BRIEF DESCRIPTION OF THE DRAWINGS


FIG. 1 schematically shows an embodiment of a gas turbine engine.



FIG. 2 schematically shows another embodiment of a gas turbine engine.



FIG. 3A schematically shows a turbine section of a gas turbine engine.



FIG. 3B schematically shows an axial view of an airfoil retention assembly along line 3B-3B of FIG. 3A.



FIG. 3C is an isolated perspective view of portions of a retaining ring.



FIG. 3D shows a cross section view of the airfoil retention assembly of FIG. 3A.



FIG. 4A schematically shows the retaining ring of FIG. 3C in a relaxed state.



FIG. 4B schematically shows the retaining ring of FIG. 3C in a compressed state.



FIG. 5 is flowchart for installing a retention assembly.





DETAILED DESCRIPTION


FIG. 1 schematically illustrates a gas turbine engine 20 for use in a commercial aircraft, for example. The gas turbine engine 20 is disclosed herein as a two-spool turbofan that generally incorporates a fan section 22, a compressor section 24, a combustor section 26 and a turbine section 28. Alternative engines might include an augmenter section (not shown) among other systems or features.
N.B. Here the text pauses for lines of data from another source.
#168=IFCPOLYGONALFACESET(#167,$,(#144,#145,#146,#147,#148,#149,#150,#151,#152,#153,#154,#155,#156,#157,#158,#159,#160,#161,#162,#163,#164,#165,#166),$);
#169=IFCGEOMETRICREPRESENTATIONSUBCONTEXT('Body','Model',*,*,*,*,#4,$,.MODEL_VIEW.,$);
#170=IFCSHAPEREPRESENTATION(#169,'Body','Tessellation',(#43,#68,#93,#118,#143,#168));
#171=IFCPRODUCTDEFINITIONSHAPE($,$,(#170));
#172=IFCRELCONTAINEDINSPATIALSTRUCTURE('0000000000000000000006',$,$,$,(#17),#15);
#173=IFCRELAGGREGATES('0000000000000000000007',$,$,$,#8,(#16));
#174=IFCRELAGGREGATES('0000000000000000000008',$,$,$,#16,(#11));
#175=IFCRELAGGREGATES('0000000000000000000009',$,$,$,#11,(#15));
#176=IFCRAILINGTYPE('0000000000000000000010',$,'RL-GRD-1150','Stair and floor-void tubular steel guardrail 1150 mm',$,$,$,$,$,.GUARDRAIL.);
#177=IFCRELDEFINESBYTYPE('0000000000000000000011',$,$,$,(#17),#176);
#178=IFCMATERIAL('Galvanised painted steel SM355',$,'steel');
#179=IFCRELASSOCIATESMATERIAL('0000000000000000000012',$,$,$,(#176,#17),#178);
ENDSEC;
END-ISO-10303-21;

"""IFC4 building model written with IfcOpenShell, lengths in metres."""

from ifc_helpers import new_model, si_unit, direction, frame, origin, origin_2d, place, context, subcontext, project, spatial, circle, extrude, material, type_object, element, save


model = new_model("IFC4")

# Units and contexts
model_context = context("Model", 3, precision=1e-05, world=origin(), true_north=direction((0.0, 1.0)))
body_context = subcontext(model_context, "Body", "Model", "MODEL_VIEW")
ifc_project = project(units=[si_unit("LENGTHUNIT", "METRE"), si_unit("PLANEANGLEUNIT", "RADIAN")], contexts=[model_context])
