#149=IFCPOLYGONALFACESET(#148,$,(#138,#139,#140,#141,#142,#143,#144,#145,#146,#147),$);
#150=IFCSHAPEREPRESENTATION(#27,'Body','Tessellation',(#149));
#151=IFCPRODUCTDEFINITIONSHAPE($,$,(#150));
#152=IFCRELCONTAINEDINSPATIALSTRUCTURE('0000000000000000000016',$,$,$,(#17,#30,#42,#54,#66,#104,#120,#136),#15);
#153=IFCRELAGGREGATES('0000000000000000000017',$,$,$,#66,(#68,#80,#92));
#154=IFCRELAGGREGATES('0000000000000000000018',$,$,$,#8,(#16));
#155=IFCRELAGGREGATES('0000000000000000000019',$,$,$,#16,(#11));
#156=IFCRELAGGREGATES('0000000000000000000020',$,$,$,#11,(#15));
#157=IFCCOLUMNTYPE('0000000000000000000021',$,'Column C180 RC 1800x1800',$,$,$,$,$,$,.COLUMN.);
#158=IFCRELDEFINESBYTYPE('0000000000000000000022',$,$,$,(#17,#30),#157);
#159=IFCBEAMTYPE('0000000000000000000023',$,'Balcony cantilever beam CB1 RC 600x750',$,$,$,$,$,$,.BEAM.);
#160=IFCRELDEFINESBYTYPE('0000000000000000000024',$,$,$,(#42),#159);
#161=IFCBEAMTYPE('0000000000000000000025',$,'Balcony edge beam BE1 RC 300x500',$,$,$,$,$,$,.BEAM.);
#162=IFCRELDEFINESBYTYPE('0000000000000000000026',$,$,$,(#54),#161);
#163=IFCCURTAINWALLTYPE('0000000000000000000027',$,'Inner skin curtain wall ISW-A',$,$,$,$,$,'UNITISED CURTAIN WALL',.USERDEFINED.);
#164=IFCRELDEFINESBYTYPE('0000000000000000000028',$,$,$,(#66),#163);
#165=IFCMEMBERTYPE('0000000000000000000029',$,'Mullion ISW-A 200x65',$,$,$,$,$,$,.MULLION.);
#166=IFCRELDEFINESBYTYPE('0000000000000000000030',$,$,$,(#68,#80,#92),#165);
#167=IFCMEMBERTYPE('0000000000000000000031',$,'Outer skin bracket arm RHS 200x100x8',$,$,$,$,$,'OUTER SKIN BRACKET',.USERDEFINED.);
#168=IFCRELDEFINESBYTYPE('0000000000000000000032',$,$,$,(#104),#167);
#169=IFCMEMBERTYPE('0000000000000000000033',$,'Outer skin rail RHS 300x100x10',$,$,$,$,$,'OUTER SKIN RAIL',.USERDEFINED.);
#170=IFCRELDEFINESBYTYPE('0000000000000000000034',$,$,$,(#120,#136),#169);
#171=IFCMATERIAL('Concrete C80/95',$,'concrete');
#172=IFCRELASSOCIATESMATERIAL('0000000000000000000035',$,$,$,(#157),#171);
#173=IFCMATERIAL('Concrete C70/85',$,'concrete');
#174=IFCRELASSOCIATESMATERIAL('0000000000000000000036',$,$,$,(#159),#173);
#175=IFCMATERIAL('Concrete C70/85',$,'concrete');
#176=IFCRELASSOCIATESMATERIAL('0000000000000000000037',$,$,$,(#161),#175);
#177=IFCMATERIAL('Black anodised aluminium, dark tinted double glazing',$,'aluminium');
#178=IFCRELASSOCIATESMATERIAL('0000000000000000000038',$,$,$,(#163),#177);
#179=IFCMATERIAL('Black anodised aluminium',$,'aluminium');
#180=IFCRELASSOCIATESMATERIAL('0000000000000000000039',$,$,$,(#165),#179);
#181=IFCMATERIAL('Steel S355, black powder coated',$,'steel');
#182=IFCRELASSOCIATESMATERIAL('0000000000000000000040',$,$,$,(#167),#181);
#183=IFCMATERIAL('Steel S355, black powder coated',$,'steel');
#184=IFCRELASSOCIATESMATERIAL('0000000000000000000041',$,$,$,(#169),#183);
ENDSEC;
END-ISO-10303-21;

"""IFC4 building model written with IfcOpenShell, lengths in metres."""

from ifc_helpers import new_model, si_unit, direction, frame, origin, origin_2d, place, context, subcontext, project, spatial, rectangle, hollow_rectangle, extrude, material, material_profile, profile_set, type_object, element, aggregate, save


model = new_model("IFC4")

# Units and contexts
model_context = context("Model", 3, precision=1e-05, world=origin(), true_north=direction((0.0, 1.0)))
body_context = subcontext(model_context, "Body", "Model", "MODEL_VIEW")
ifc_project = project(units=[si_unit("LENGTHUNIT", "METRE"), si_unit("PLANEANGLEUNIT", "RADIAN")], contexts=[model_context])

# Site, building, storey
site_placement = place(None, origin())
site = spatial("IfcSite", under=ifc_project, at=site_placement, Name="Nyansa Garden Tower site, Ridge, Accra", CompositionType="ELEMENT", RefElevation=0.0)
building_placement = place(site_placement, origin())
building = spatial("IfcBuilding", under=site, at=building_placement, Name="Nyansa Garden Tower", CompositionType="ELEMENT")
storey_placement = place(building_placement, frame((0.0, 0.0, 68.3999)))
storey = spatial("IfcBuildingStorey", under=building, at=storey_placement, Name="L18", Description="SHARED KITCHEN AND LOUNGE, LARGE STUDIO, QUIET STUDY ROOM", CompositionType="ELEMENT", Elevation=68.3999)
The fan section 22 drives air along a bypass flow path B in a bypass duct defined within a nacelle 15, while the compressor section 24 drives air along a core flow path C for compression and communication into the combustor section 26 then expansion through the turbine section 28. Although depicted as a two-spool turbofan gas turbine engine in the disclosed non-limiting embodiment, it should be understood that the concepts described herein are not limited to use with two-spool turbofans as the teachings may be applied to other types of turbine engines including three-spool architectures.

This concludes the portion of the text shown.